Basic things that I think are good to know and feel confident about (both the formula and samples of how to use it)
* AVERAGE and STDEV (.P and .S if you want), CORREL
* VLOOKUP and HLOOKUP
* SUMPRODUCT
* OFFSET (I use this one A LOT, often for selecting subsets of data to send to aggregating functions like AVERAGE and STDEV).
* If you are more quanty, NORMSDIST and the inverse + SOLVER, otherwise not.

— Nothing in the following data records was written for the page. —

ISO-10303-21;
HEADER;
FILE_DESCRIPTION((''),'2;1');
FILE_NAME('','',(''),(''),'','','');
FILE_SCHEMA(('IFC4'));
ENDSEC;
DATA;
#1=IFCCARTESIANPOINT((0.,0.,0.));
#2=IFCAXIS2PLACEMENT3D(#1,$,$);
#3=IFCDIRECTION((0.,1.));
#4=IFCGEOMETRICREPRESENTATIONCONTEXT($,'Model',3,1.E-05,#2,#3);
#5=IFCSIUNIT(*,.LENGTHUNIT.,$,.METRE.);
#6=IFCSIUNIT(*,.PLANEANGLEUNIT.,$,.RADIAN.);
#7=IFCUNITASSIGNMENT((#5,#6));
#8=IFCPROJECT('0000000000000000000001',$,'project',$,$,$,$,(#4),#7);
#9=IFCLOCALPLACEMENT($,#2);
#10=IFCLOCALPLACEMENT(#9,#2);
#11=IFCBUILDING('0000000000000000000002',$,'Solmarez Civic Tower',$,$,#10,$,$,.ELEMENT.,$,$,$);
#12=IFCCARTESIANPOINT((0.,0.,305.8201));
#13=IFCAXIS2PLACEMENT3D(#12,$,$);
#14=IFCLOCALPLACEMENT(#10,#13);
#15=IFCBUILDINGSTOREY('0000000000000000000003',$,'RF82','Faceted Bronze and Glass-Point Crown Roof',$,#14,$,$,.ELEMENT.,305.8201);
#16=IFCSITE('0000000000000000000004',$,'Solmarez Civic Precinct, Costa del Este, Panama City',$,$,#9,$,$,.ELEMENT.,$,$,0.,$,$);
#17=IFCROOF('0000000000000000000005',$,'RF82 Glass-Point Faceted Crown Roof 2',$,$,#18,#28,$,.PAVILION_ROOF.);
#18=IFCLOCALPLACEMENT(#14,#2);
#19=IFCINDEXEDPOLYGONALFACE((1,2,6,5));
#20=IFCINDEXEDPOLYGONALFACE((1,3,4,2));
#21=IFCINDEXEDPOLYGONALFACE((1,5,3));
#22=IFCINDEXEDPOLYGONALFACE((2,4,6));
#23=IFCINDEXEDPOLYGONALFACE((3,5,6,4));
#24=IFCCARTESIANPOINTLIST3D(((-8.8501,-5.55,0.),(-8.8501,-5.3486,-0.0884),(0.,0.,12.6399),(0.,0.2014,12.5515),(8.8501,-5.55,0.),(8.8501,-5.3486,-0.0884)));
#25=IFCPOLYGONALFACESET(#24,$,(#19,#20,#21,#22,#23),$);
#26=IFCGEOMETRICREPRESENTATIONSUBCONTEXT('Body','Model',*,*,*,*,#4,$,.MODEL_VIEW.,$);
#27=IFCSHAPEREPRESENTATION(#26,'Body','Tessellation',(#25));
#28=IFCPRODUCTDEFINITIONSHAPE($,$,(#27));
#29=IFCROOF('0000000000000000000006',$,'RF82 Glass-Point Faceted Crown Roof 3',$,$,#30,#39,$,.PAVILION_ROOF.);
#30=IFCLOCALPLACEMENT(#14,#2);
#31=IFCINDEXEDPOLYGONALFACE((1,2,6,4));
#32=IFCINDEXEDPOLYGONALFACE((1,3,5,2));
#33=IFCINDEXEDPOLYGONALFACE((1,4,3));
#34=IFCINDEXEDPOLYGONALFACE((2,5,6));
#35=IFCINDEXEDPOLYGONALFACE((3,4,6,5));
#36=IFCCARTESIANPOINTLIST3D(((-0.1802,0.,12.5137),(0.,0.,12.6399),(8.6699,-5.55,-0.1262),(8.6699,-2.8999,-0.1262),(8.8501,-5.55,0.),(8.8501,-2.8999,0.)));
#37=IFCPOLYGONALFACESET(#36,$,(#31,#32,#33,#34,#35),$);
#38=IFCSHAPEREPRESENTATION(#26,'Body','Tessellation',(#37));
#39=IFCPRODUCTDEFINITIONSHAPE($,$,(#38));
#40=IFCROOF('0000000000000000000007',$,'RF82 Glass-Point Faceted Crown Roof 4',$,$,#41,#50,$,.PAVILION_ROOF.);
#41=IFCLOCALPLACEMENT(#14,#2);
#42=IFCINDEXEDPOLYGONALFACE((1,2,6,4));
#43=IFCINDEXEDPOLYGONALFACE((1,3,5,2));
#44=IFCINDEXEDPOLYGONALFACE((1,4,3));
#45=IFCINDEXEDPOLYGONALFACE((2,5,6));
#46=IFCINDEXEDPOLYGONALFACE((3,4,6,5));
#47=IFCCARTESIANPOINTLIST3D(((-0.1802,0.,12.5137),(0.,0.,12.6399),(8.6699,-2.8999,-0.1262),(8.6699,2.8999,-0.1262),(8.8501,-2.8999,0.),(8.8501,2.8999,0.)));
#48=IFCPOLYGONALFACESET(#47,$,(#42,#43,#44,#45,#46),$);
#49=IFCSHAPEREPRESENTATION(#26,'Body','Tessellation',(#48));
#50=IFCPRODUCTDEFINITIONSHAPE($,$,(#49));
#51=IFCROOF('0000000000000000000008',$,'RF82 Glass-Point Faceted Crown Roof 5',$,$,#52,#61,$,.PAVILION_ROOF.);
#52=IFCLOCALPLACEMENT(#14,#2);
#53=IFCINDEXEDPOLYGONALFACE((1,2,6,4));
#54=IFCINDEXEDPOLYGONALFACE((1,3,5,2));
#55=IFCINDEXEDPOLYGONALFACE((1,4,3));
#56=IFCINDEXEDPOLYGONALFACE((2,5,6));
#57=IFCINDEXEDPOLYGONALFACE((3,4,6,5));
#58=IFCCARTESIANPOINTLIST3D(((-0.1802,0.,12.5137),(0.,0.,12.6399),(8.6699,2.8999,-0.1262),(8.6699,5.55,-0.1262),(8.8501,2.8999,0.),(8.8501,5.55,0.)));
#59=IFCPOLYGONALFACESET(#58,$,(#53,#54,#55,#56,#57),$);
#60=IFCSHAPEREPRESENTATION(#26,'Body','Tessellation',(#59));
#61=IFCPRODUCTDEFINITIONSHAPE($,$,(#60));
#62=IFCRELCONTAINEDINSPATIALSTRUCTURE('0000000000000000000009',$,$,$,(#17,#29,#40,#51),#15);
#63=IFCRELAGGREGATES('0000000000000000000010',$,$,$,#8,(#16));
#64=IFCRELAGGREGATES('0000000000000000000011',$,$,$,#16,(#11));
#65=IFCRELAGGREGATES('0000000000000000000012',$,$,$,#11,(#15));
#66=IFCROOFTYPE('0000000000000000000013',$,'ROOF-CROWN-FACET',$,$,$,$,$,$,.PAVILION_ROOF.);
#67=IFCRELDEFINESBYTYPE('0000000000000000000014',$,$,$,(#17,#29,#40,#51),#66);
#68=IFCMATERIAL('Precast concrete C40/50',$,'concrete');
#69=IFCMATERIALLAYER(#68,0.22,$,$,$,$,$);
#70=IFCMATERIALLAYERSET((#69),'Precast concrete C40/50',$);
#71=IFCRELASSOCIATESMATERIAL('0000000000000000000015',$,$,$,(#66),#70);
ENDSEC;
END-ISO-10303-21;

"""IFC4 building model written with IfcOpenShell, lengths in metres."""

from ifc_helpers import new_model, si_unit, direction, frame, origin, place, context, subcontext, project, spatial, polyline, outline, extrude, material, layer, layer_set, type_object, element, save


model = new_model("IFC4")

# Units and contexts
model_context = context("Model", 3, precision=1e-05, world=origin(), true_north=direction((0.0, 1.0)))
body_context = subcontext(model_context, "Body", "Model", "MODEL_VIEW")
ifc_project = project(units=[si_unit("LENGTHUNIT", "METRE"), si_unit("PLANEANGLEUNIT", "RADIAN")], contexts=[model_context])

# Site, building, storey
site_placement = place(None, origin())
site = spatial("IfcSite", under=ifc_project, at=site_placement, Name="Solmarez Civic Precinct, Costa del Este, Panama City", CompositionType="ELEMENT", RefElevation=0.0)
building_placement = place(site_placement, origin())
building = spatial("IfcBuilding", under=site, at=building_placement, Name="Solmarez Civic Tower", CompositionType="ELEMENT")
storey_placement = place(building_placement, frame((0.0, 0.0, 305.8201)))
storey = spatial("IfcBuildingStorey", under=building, at=storey_placement, Name="RF82", Description="Faceted Bronze and Glass-Point Crown Roof", CompositionType="ELEMENT", Elevation=305.8201)

# Shared definitions
ifc_material_1 = material(Name="Precast concrete C40/50", Category="concrete")

# Roofs
ifc_layer_1 = layer(ifc_material_1, 0.22)
ifc_layer_set_1 = layer_set([ifc_layer_1], Name="Precast concrete C40/50")
roof_type = type_object("IfcRoofType", Name="ROOF-CROWN-FACET", PredefinedType="PAVILION_ROOF", material=ifc_layer_set_1)
roof_1_placement = place(storey_placement, frame((-8.8501, -5.55, 0.0), z_axis=(0.0, -0.915622, 0.40204), x_axis=(1.0, 0.0, 0.0)))
element("IfcRoof", 1, at=roof_1_placement, inside=storey, type_object=roof_type, Name="RF82 Glass-Point Faceted Crown Roof 2", PredefinedType="PAVILION_ROOF", context=body_context, shape_type="SweptSolid", body=[
    extrude(outline(polyline([(0.0, 0.0), (17.7002, 0.0), (8.8501, 13.8047), (0.0, 0.0)])), origin(), (0.0, 0.0, -1.0), 0.22),
])
roof_2_placement = place(storey_placement, frame((8.8501, -5.55, 0.0), z_axis=(0.819166, 0.0, 0.573557), x_axis=(0.0, 1.0, 0.0)))
element("IfcRoof", 2, at=roof_2_placement, inside=storey, type_object=roof_type, Name="RF82 Glass-Point Faceted Crown Roof 3", PredefinedType="PAVILION_ROOF", context=body_context, shape_type="SweptSolid", body=[
    extrude(outline(polyline([(0.0, 0.0), (2.6501, 0.0), (5.55, 15.4302), (0.0, 0.0)])), origin(), (0.0, 0.0, -1.0), 0.22),
])
roof_3_placement = place(storey_placement, frame((8.8501, -2.8999, 0.0), z_axis=(0.819166, 0.0, 0.573557), x_axis=(0.0, 1.0, 0.0)))
element("IfcRoof", 3, at=roof_3_placement, inside=storey, type_object=roof_type, Name="RF82 Glass-Point Faceted Crown Roof 4", PredefinedType="PAVILION_ROOF", context=body_context, shape_type="SweptSolid", body=[
    extrude(outline(polyline([(0.0, 0.0), (5.7998, 0.0), (2.8999, 15.4302), (0.0, 0.0)])), origin(), (0.0, 0.0, -1.0), 0.22),
])
roof_4_placement = place(storey_placement, frame((8.8501, 2.8999, 0.0), z_axis=(0.819166, 0.0, 0.573557), x_axis=(0.0, 1.0, 0.0)))
element("IfcRoof", 4, at=roof_4_placement, inside=storey, type_object=roof_type, Name="RF82 Glass-Point Faceted Crown Roof 5", PredefinedType="PAVILION_ROOF", context=body_context, shape_type="SweptSolid", body=[
    extrude(outline(polyline([(0.0, 0.0), (2.6501, 0.0), (-2.8999, 15.4302), (0.0, 0.0)])), origin(), (0.0, 0.0, -1.0), 0.22),
])

save(model, "model.ifc")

* MATCH and INDEX are also pretty useful, though not essential. Students should know they exist, what the ‘gotchas’ are, go through an example or two, but I wouldn’t begrudge someone who couldn’t remember off of the top of their head how the syntax worked. In practice, I tend to use MATCH with OFFSET more than INDEX.
* SLOPE and INTERCEPT are useful when you want to fit a line without running through an entire regression package.
* I would thow in Pivot Tables, but with some context
Pivot tables are interesting. People get caught up in the pivoting aspect of pivot tables, which to me is a techno gee-whiz factor that distracts from the fact that tables are used for cross-tabulations where at least one variable is categorical (nominal or ordinal). I’ve never pivoted a pivot table, but I have had pivot tables come up now and then because I need a cross-tabluation.
More important than learning how to do it (which one can learn in a few minutes) is learning what types of problems call for it. However, once you’re teaching that, you might as well go through with the how.
In practice, I use pivot tables to identify means and standard deviations for data which might have seasonal features, or to distinguish between industry groups or other categories. Pivot tables don’t auto-update nicely, which is one reason that I sometimes try to mimick their functionality with SUMIF and COUNTIF statements, but if I really need the standard deviation, there often isn’t much alternatives.
I second JMH’s point on how to organize data and parameters to make sheets easy to work with. I use blue cells for user-defined parameters and then color a number of cells in light orange for important outputs. It’s less pretty than blue bold, true, but I find they’re a lot easier to spot on a page, and that’s often the priority for me.
I will sometimes have the first sheet be a set of instructions for how to use the rest of the sheet.
I will also tend to have a sheet (or maybe more) solely dedicated to raw input data. I tend to have lots of tables of price or return streams, so I keep one sheet for just the raw data, and everything else just copies off of or references that sheet elsewhere. This won’t work for interlinked 3-statement company models, but it works for the kind of asset allocation and backtesting work I often do.
Creating tables from a formula or worksheet where you have one or two input variables across rows and columns; again, not somethign to have memorized, but a funtionality they should know is there and know that they did it at least once.
How to name variables might be worth teaching. I do that less than I think I should, but I think it’s good for people to know about.
Conditional formatting is useful too, though Excel keeps changing how they do it with every update.
Good Charting techniques would go a long way to being useful (when to use which type of chart, in a Tufte like approach)
How to write a macro formula is useful, but not essential (e.g. write your own sharpe ratio funciton given an input of asset levels over time)
I wish I knew about EOMONTH a long time ago. It would have made many sheets easier. Not essential, but good to know about.